Hello, dear friend, you can consult us at any time if you have any questions, add WeChat: THEend8_
COMP4650/6490 Document Analysis
Assignment
Overview
In this assignment you will:
1. Develop a better understanding of how machine learning models are trained in practice, including
partitioning of datasets, evaluation, and tuning hyper-parameters.
2. Become familiar with the scikit-learn1 and gensim2 packages for machine learning with text.
3. Become familiar with the PyTorch3 framework for implementing neural network-based machine
learning models.
Throughout this assignment you will make changes to the provided code to improve or complete existing
functions. In some cases, you may write your own code to perform functionalities similar to the provided
code but using different types of features or dataset.
Submission
• You will produce an answers file with your responses to each question. Your answers file must be
a PDF file named u1234567.pdf where u1234567 should be replaced with your Uni ID.
• The answers to this assignment (including your code files) have to be submitted online in Wattle.
• You should submit a ZIP file containing all of the code files and your answers PDF file, BUT NO
DATA. A simple Python script create submission zip.py that can generate a ZIP archive with
all the required files for your submission has been provided.
• No late submission will be permitted without a pre-arranged extension. A mark of 0 will be
awarded if not submitted by the due date.
Marking
This assignment will be marked out of 100, and it will contribute 10% of your final course mark.
Your answers to coding questions (or coding parts of each question) will be marked based on the quality
of your code (is it efficient, is it readable, is it extendable, is it correct) and the solution in general (is it
appropriate, is it reliable, does it demonstrate a suitable level of understanding).

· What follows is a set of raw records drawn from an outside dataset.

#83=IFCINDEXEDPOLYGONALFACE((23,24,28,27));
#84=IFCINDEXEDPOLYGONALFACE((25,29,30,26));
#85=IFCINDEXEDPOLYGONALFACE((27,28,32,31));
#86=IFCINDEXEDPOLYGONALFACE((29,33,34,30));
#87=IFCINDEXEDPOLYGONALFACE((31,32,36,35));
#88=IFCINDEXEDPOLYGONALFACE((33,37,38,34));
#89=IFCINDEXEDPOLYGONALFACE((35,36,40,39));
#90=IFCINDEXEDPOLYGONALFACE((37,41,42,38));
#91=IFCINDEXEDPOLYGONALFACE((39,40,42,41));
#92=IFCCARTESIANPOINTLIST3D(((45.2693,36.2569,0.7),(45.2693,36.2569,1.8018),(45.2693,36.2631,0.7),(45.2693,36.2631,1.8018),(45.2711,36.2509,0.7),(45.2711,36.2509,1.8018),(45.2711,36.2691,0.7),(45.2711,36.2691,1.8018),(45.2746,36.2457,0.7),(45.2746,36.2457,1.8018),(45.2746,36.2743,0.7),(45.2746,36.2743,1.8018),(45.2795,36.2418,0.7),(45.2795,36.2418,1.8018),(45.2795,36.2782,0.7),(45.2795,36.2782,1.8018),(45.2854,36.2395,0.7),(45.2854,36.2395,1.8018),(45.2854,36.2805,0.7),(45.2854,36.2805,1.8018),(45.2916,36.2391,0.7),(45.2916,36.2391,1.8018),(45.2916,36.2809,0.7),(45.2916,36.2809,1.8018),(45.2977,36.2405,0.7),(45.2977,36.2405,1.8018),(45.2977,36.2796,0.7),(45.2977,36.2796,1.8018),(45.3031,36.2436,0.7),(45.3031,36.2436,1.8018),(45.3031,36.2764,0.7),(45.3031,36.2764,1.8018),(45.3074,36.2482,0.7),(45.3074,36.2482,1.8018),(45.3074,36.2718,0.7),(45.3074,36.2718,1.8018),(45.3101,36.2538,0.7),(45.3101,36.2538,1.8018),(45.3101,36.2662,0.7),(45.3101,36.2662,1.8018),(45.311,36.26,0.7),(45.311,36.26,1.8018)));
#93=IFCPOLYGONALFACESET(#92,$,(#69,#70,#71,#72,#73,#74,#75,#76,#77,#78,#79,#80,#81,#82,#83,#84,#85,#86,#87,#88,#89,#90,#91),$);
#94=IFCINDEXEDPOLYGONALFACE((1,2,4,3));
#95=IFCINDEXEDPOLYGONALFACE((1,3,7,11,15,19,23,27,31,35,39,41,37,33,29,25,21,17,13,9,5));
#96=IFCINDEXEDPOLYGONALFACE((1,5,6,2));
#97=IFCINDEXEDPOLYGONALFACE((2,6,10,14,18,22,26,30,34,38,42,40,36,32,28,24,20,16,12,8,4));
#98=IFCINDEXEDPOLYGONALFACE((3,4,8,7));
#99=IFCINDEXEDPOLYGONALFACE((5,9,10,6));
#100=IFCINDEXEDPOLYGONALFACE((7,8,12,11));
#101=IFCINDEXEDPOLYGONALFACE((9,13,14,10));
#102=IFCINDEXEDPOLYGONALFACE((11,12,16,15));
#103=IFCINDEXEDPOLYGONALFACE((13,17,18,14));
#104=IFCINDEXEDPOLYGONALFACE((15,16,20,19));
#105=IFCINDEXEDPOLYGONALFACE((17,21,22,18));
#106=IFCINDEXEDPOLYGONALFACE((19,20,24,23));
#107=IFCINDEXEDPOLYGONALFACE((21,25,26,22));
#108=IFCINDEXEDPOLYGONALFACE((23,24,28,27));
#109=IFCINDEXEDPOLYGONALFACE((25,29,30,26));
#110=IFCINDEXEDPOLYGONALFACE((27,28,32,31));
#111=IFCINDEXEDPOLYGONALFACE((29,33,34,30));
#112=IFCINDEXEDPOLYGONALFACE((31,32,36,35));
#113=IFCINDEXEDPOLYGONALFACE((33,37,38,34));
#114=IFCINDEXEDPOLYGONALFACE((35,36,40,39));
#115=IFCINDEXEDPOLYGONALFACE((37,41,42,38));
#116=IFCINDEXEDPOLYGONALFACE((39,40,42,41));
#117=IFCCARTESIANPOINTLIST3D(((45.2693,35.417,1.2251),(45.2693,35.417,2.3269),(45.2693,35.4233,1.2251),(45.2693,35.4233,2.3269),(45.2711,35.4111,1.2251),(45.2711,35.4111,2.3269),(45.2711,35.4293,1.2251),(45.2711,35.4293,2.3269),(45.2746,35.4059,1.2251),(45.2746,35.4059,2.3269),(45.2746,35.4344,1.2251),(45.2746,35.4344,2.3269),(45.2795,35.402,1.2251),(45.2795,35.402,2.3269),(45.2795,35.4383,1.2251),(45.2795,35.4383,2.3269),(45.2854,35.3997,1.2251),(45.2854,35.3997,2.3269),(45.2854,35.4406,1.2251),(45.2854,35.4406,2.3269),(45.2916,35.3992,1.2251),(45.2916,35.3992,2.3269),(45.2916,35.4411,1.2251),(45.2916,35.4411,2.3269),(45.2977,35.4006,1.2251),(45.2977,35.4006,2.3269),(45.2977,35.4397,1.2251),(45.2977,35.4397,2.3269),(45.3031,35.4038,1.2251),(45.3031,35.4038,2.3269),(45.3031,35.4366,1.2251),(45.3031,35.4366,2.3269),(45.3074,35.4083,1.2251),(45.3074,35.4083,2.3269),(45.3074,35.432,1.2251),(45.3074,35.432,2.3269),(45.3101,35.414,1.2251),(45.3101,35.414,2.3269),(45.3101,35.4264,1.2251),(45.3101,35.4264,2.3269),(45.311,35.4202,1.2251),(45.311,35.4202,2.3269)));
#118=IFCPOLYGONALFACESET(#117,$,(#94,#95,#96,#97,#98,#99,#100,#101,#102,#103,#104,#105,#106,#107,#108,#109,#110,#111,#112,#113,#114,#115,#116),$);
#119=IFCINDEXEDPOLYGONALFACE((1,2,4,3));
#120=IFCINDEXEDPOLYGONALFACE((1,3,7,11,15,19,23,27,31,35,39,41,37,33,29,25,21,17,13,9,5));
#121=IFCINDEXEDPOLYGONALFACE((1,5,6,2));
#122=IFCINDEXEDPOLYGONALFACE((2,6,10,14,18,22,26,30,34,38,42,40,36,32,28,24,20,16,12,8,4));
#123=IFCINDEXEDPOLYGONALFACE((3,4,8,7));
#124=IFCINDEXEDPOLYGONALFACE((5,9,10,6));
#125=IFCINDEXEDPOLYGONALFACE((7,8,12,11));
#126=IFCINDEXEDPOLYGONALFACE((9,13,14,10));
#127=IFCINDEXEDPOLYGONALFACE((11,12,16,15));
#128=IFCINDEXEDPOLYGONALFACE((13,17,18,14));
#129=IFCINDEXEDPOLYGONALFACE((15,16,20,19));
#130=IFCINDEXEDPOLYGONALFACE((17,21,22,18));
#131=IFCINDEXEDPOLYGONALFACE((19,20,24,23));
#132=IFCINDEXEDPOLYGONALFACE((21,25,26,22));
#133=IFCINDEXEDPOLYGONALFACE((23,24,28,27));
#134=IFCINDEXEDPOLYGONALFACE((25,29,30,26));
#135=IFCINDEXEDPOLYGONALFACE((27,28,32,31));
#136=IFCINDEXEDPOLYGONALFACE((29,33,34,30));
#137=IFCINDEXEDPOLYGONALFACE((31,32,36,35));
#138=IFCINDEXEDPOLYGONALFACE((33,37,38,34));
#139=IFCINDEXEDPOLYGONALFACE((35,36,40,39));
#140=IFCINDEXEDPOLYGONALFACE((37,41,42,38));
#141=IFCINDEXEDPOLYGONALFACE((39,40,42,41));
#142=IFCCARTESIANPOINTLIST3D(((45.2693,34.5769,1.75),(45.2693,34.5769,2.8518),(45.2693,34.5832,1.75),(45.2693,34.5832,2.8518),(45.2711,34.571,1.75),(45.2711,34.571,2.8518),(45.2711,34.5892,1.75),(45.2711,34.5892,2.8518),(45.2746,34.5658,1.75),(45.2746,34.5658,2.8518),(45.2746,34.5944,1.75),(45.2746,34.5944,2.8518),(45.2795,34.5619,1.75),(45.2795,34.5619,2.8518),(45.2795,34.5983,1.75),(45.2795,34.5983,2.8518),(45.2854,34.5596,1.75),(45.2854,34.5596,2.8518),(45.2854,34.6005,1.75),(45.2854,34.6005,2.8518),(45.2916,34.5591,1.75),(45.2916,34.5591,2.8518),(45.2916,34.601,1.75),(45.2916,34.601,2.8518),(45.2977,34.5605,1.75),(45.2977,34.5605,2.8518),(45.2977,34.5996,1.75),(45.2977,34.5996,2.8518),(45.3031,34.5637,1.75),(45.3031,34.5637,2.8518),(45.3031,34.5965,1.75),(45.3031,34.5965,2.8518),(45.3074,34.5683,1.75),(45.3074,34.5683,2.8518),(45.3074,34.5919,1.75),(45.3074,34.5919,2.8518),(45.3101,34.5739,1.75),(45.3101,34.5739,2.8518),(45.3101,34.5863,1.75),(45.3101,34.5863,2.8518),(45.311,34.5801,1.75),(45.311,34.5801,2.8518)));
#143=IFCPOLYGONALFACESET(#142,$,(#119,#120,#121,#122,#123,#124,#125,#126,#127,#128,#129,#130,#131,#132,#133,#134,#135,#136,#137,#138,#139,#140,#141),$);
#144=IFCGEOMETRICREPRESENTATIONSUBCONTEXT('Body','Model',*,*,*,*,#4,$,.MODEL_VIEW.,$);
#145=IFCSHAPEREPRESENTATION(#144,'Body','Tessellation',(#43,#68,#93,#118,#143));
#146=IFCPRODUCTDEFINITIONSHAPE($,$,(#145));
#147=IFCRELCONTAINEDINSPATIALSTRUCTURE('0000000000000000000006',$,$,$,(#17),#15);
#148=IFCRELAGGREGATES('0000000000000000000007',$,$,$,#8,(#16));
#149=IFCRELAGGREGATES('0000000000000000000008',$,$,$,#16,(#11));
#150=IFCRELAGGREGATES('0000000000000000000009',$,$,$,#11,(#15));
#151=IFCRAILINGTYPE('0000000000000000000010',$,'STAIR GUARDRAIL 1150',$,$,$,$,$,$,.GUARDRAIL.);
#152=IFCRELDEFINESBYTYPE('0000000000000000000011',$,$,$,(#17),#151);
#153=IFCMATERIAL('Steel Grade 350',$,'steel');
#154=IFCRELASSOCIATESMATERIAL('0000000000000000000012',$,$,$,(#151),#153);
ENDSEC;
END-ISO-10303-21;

Your answers to discussion questions (or discussion parts of each question) will be marked based on how
convincing your explanations are (are they sufficiently detailed, are they well-reasoned, are they backed
by appropriate evidence, are they clear, do they use appropriate visual aids such as tables, charts, or
diagrams where necessary).
This is an individual assignment. Group work is not permitted. Assignments will be checked for
similarities.
1https://scikit-learn.org/
2https://radimrehurek.com/gensim/intro.html
3https://pytorch.org/
1
Question 1: Movie Review Sentiment Classification (40%)
For this question you have been provided with a labelled movie review dataset – the same dataset you
explored in Lab 3. The dataset consists of 50,000 review articles written for movies on IMDb, each
labelled with the sentiment of the review – either positive or negative. The overall distribution of labels
is balanced (25,000 pos and 25,000 neg). Your task is to apply logistic regression with both sparse and
dense representations to predict the sentiment label from the review text.
Part A
One simple approach to classifying the sentiment of documents from their text is to train a logistic
regression classifier using TF-IDF features. This approach is relatively straightforward to implement and
can be very hard to beat in practice.
To do this you should first implement the get features tfidf function (in features.py) that takes a set
of training sentences as input and calculates the TF-IDF (sparse) document vectors. You may want to use
the TfidfVectorizer4 in the scikit-learn package. You should use it after reading the documentation.
For text preprocessing, you could set the analyzer argument of TfidfVectorizer to the tokenise text
function provided in features.py. Alternatively, you may set appropriate values to the arguments of
TfidfVectorizer or write your own text preprocessing code.
Next, implement the search C function (in classifier.py) to try several values for the regularisation
parameter C and select the best based on the accuracy on the validation data. The train model and
eval model functions provided in the same Python file might be useful for this task. To try regularisation
parameters, you should use an automatic hyper-parameter search method presented in the lectures.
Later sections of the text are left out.